Milaka, I really am feeling for you. My youngest, Matlin has had several of these stretched over a year or so. I can not imagine going through it so frequently, but it is like you said, you just do. It is interesting to know what you have found out about it and I appreciate you sharing your info. We have not had any in a while, cross the fingers and hope that Buddy will taper off with his. The only thing I found with Matlin was that it seemed to be brought on by being overly tired and out of her normal schedule. Prayers are with you!
Tamara

Cabin77 said...

Tamara, Thank you for commenting! I'm praying that this little "flare up" is very temporary. I'm going to really be watching his food intake and his schedule to make sure that he's not overdoing anything. I'll post updates here.

Milaka

Flawless Mom said...

Man oh man. That sounds incredibly rough. I'm sure you wonder, as a mom, what is going on in that head of his when he's going through all of that. And does it make him exhausted during the day?? Wow. I do hope for you that this gets over with quickly. How long did it take to resolve itself with your brother? Thinking of you and your family. xo

Cabin77 said...

Flawless Mom,
Yeah, it kinda sucks. Last night I wondered what he was seeing in me (or instead of me) that would make him want to punch me. Yikes! No, he's not overly tired this morning. The whole incident was about 15 minutes long and he went right back to sleep. Strange.
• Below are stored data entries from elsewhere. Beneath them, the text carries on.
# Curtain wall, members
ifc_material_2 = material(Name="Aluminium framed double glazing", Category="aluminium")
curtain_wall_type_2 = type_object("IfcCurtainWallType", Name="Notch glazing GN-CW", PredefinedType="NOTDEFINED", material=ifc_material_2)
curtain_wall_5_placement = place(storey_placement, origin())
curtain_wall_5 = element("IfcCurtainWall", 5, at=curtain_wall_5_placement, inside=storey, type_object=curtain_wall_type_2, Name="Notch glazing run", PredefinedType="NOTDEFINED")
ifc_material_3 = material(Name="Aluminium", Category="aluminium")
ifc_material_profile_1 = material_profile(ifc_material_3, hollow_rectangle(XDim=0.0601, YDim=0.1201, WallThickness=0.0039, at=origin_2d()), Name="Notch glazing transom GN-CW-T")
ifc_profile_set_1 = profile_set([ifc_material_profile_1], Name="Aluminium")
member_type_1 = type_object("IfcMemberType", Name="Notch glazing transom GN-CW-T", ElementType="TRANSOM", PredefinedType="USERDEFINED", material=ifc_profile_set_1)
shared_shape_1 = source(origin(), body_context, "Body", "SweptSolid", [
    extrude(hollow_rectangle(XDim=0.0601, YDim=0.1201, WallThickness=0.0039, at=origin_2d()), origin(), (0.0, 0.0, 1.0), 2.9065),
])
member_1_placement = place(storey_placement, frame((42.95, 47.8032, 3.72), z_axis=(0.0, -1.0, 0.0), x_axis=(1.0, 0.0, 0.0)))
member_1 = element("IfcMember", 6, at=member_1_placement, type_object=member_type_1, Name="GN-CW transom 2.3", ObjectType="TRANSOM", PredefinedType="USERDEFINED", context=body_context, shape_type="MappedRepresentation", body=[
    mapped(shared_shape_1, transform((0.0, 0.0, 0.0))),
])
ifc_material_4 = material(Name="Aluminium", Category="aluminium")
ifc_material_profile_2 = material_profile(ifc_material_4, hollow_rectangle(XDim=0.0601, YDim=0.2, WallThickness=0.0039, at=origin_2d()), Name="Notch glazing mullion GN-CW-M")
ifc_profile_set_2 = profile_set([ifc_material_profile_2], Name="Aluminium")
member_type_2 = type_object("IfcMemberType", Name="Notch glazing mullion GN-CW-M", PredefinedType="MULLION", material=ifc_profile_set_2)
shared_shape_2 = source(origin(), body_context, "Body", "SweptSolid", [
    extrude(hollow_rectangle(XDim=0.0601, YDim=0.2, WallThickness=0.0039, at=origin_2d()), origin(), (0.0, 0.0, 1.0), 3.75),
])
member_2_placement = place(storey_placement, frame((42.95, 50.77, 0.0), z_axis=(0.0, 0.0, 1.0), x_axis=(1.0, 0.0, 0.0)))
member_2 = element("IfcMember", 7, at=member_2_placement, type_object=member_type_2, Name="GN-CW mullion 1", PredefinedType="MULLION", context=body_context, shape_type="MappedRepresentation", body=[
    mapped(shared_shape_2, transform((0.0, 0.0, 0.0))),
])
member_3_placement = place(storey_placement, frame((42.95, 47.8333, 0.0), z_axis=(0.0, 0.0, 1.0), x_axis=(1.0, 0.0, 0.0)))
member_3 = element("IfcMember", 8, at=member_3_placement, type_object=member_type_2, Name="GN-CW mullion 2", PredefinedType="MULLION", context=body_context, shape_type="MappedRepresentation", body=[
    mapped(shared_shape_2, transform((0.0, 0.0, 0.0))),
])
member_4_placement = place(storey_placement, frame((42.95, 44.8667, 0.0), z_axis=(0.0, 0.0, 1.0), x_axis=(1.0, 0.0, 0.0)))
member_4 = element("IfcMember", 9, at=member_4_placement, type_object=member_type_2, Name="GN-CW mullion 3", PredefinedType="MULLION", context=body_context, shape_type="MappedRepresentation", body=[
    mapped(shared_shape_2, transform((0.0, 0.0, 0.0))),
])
My brother grew out of his frequent Screamin' Mimis by about 4th or 5th grade, I think. He would still have one the first night he would start an antibiotic, though, for years. He says that he still sometimes gets that "feeling" when he starts a medication. So I guess he's just matured into them rather than grown out of them? So, so odd.

Thank you for your thoughts!

alfreda89 said...

I feel so sympathetic to you all. Sleep disorders came along with my illness, and I would wake 5+ times a night, sometimes with horrible nightmares. That seems to be going away for me - I pray that it goes away for Buddy.

Everything I am trying for this is way out on the edge for treatment, except for diet change. Hope that gives you some clues! If you want the name of a nutritionist in town, I have a good one to share.

Sending hugs --

Cabin77 said...

Thanks Alfreda89! I have a nutritionist that I like at People's Rx. I may talk to her if I can't get a handle on this. Last night was quiet so we'll see if we're over them for a while.